I'm having problems. And I'm making problems myself but I don't know how to stop myself.

 

After a bad experience with a guy and not knowing whether I've been rejected because of myself or as he claimed he had a mental disease. We remained friends for a year but due to some problems we're not anymore.

 

 

Also I had a bad break up before that. In Which he suddenly left me, telling me a year later he never loved me. And all the time we were together was a lie. I don't know why he lied.

 

 

I used to be a stronger person but now I feel inadequate.

 

 

Mostly because of the second guy. Every girl I see I keep telling myself:"I bet he would date her. She's hot. I'm not."

"I bet he would love this one, she's his taste. She looks cool and special"

 

"I bet this one knows about everything.."

 

I keep pitying myself, feeling bad and unattractive.

 

Even though he had said to his friend that i'm pretty.
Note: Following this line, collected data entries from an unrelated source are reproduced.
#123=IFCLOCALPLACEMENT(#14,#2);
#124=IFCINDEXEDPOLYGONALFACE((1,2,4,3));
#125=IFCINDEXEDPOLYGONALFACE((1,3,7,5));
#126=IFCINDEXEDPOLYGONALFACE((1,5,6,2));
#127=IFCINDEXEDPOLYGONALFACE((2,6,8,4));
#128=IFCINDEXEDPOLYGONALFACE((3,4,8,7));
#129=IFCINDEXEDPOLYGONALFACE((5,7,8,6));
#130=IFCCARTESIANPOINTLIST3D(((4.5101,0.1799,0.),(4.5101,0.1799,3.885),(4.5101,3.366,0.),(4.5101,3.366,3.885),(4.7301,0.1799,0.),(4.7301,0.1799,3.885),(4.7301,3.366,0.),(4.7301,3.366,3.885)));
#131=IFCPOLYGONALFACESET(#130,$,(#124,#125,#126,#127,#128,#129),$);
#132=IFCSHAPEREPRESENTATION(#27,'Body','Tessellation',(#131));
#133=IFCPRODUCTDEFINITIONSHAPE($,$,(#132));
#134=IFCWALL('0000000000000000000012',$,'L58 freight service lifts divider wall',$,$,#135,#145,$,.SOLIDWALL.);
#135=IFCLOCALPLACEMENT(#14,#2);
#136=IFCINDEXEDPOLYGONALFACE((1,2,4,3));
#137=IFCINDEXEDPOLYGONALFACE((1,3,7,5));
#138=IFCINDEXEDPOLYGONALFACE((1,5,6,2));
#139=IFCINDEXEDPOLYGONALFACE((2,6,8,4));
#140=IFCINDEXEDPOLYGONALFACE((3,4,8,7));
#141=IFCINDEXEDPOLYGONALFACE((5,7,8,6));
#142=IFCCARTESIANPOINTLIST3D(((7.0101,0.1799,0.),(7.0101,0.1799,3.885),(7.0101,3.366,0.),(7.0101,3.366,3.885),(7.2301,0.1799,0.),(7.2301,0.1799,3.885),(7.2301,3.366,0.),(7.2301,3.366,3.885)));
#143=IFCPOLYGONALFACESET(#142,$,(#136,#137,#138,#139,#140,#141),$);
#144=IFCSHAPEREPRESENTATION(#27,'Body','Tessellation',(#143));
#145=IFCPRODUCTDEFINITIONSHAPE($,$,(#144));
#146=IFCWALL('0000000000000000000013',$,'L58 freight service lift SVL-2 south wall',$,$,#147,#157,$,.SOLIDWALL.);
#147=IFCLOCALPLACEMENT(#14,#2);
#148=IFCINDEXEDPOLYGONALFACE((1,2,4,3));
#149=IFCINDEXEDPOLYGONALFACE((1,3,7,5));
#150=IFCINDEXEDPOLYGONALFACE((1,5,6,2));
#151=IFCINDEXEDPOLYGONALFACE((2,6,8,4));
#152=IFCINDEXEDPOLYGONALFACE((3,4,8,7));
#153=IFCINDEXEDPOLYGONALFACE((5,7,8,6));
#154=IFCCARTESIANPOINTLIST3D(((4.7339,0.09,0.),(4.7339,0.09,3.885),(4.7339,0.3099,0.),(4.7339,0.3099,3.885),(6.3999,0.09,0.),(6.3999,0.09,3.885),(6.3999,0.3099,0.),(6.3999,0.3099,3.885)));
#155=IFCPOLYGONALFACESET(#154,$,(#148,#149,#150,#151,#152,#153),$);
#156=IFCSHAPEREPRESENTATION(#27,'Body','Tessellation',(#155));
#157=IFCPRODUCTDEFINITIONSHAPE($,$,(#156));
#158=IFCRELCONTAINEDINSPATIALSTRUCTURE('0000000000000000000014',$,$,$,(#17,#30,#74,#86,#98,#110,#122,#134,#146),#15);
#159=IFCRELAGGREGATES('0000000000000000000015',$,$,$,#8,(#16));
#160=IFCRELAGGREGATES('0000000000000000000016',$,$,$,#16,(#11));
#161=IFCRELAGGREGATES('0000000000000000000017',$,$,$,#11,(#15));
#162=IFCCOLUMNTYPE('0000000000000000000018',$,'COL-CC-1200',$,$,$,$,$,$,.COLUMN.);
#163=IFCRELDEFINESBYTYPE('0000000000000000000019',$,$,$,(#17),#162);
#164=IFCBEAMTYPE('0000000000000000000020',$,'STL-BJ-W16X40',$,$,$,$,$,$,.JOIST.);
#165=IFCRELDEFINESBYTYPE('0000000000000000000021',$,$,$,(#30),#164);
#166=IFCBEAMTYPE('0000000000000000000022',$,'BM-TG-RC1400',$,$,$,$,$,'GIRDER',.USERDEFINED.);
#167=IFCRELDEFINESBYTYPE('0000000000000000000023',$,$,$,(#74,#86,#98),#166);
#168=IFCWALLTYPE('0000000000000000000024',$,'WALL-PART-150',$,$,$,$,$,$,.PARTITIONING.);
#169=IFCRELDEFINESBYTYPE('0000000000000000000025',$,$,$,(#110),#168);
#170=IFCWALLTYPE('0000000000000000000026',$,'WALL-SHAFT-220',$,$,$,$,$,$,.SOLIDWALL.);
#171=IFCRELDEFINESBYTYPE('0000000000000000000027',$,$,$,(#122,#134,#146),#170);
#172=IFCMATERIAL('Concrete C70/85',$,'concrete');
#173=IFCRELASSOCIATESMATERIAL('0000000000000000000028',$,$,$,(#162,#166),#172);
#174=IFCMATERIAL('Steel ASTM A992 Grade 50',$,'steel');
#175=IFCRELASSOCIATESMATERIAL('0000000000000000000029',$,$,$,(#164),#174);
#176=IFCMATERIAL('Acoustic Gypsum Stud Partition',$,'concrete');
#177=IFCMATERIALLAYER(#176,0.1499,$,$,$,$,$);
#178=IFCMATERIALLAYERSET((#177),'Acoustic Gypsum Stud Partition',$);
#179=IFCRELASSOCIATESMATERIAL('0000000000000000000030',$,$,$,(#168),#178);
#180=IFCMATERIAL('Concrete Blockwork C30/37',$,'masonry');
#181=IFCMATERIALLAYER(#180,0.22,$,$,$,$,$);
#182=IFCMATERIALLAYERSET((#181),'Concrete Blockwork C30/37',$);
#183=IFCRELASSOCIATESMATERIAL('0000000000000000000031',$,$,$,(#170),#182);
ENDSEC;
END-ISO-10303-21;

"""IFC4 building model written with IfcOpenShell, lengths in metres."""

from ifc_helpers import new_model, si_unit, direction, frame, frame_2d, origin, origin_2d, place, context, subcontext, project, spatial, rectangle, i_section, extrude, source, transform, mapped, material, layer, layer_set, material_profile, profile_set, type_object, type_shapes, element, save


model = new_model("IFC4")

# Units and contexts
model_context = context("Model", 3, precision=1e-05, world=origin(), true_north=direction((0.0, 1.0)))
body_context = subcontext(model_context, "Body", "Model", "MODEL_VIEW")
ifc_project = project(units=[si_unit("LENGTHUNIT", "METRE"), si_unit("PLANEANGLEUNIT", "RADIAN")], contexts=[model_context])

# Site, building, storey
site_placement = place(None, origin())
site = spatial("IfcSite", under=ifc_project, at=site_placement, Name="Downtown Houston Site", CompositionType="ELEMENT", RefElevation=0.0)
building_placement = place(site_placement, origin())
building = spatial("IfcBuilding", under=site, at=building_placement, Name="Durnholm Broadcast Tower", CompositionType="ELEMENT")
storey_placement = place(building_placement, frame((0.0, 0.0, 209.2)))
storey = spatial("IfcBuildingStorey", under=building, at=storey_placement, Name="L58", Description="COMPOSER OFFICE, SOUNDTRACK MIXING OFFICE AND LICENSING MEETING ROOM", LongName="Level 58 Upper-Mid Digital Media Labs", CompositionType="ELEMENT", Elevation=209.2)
But knowing that doesn't help either.

 

I've read and I think I have dependable personality disorder but its mostly obvious for stuff related to him.

 

My past relationship has its effects too,

I don't have access to counseling nor psychiatrist where I am.

 

How do I stop this?

Posted

Go to your doctor and ask to be referred to a counsellor.

because you do need help to get over this, and much as we'd love to help, you need someone who will monitor your progress.

 

Some things just can't be done by joining a forum...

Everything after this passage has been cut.